Somente nas UP definidas como infectadas pelo critério clínico, foi realizada a técnica de “Aceitabilidade do Espécime Clínico – Q-score”, desenvolvida por Isenberg (1992), que consistiu na avaliação microscópica do esfregaço do exsudato da ferida para pesquisa de PMN e CEE, descrito anteriormente. Um Q-score da relação entre a razão de 2:1 PMN para CEE foi considerado positivo.
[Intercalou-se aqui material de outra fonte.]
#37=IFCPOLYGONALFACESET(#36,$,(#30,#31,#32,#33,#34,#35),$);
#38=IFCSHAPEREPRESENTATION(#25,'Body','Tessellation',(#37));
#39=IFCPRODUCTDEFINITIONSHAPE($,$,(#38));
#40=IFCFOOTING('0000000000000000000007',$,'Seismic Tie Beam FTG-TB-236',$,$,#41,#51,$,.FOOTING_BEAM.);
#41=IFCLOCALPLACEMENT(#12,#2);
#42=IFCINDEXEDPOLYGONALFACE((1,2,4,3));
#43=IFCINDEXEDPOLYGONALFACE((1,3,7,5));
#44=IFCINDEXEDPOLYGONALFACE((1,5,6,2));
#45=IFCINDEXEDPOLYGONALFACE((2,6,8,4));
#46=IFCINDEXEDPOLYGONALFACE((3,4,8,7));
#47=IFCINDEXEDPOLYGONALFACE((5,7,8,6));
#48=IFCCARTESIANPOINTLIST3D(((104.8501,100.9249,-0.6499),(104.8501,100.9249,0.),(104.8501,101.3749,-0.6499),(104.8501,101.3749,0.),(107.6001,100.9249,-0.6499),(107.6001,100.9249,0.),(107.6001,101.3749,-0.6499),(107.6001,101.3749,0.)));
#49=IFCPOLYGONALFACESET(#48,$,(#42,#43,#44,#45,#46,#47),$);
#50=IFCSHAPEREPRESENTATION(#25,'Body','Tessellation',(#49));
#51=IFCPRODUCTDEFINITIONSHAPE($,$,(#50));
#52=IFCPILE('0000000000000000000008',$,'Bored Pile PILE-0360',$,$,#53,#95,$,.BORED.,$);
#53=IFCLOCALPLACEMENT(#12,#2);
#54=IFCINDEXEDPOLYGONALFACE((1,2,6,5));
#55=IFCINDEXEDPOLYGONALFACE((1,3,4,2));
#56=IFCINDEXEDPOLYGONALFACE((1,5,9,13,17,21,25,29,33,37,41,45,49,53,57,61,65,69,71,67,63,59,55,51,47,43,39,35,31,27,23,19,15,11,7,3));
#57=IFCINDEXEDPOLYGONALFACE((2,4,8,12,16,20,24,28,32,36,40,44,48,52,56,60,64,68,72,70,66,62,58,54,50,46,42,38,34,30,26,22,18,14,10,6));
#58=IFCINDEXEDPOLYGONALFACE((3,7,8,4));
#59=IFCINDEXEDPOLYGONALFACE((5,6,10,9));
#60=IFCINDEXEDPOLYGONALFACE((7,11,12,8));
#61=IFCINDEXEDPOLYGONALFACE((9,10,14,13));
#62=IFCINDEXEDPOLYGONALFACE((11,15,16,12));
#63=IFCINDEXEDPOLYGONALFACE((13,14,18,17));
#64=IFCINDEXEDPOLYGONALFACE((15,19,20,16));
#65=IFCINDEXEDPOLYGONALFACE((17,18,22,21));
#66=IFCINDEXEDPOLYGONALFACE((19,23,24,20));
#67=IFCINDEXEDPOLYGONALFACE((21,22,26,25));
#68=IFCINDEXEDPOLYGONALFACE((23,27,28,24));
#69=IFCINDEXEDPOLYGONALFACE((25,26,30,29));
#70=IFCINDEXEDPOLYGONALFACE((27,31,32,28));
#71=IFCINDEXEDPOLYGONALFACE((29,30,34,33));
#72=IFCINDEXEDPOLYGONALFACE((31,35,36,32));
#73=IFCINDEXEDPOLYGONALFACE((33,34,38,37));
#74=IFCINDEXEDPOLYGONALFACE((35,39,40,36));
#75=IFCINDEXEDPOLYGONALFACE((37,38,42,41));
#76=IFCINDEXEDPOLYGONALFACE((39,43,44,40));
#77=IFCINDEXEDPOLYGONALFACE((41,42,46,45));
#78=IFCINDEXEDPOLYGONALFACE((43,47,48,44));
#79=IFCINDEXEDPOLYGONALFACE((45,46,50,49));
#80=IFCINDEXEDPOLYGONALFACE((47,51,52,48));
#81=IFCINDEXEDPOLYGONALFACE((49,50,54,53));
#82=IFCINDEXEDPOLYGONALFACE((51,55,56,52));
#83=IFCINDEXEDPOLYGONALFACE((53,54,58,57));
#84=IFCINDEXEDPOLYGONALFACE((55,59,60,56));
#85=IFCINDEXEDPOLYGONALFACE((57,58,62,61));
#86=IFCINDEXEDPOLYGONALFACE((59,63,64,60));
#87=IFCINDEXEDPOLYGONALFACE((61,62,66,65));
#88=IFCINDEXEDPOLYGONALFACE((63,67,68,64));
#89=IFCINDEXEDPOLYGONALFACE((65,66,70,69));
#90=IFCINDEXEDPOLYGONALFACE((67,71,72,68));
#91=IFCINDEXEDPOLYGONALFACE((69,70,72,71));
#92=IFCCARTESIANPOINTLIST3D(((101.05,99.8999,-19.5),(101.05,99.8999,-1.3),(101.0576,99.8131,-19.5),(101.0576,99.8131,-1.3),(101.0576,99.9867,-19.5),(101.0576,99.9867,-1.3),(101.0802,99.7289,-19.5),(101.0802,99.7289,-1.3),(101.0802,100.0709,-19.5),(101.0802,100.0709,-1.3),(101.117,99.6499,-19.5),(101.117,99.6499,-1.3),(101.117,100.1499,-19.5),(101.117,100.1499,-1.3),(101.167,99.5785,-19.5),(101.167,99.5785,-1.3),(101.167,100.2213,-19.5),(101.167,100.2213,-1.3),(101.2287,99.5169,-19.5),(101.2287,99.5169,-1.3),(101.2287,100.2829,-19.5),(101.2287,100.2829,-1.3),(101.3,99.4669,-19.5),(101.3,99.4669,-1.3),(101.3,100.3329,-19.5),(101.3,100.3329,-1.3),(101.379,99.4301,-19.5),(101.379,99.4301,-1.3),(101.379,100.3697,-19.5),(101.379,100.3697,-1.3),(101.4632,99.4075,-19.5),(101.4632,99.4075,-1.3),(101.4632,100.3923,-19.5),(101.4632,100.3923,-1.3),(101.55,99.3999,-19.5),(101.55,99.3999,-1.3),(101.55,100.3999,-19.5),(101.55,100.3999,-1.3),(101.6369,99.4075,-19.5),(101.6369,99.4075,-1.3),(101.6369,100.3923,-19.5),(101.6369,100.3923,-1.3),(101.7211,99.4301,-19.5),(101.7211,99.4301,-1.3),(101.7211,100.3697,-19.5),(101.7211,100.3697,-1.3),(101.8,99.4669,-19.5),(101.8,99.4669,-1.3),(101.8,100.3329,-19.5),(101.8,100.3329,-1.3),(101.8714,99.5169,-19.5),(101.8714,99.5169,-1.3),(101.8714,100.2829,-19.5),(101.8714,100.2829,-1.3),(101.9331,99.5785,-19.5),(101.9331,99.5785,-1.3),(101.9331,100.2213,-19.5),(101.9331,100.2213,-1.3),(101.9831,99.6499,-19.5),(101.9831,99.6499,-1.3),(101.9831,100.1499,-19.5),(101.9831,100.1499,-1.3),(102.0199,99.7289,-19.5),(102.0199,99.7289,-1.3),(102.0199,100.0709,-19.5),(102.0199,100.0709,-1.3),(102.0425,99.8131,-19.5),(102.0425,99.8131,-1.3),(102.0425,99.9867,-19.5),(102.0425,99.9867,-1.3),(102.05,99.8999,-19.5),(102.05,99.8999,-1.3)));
As UP foram consideradas infectadas quando apresentaram positividade tanto para o diagnóstico clínico quanto microscópico.

Resistência aos antimicrobianos

• Susceptibilidade (S): A categoria S ao antimicrobiano implica que as cepas sejam inibidas pela concentração usualmente alcançada pelo antimicrobiano nos tecidos, quando as doses recomendadas do mesmo são utilizadas adequadamente para a região da infecção;

• Resistência Intermedia (RI): A categoria RI ao antimicrobiano inclui cepas cujas concentrações inibitórias mínimas do antimicrobiano se aproximam das concentrações que a droga atinge no sangue e nos tecidos, e cuja taxa de resposta pode ser menor do que aquela encontrada para cepas S;

• Resistência (R): A categoria R inclui cepas que não são inibidas pelas concentrações sistêmicas alcançadas pelo antimicrobiano, quando o esquema usual de doses do antimicrobiano é utilizado;

• Multirresistência: Os MRSA foram considerados multirresistentes quando apresentaram resistência a três ou mais classes de antimicrobianos (KIM et al., 2004).

Prevalência

A prevalência de pacientes colonizados por S. aureus no grupo com UP estadio II hospitalizado foi definida como o número de pessoas que apresentaram esse microrganismo nas UP ou nas narinas, dividido pelo número total de pacientes avaliados, no período da coleta dos dados e o resultado foi multiplicado por 100 para obtenção da porcentagem.

Incidência

A incidência de idosos colonizados por S. aureus no grupo de residentes das ILPI foi definida como o número de pessoas que apresentaram esse microrganismo nas UP ou nas narinas, dividido pelo número total de residentes nessas instituições, no período da coleta dos dados e o resultado foi multiplicado por 100 para obtenção da porcentagem.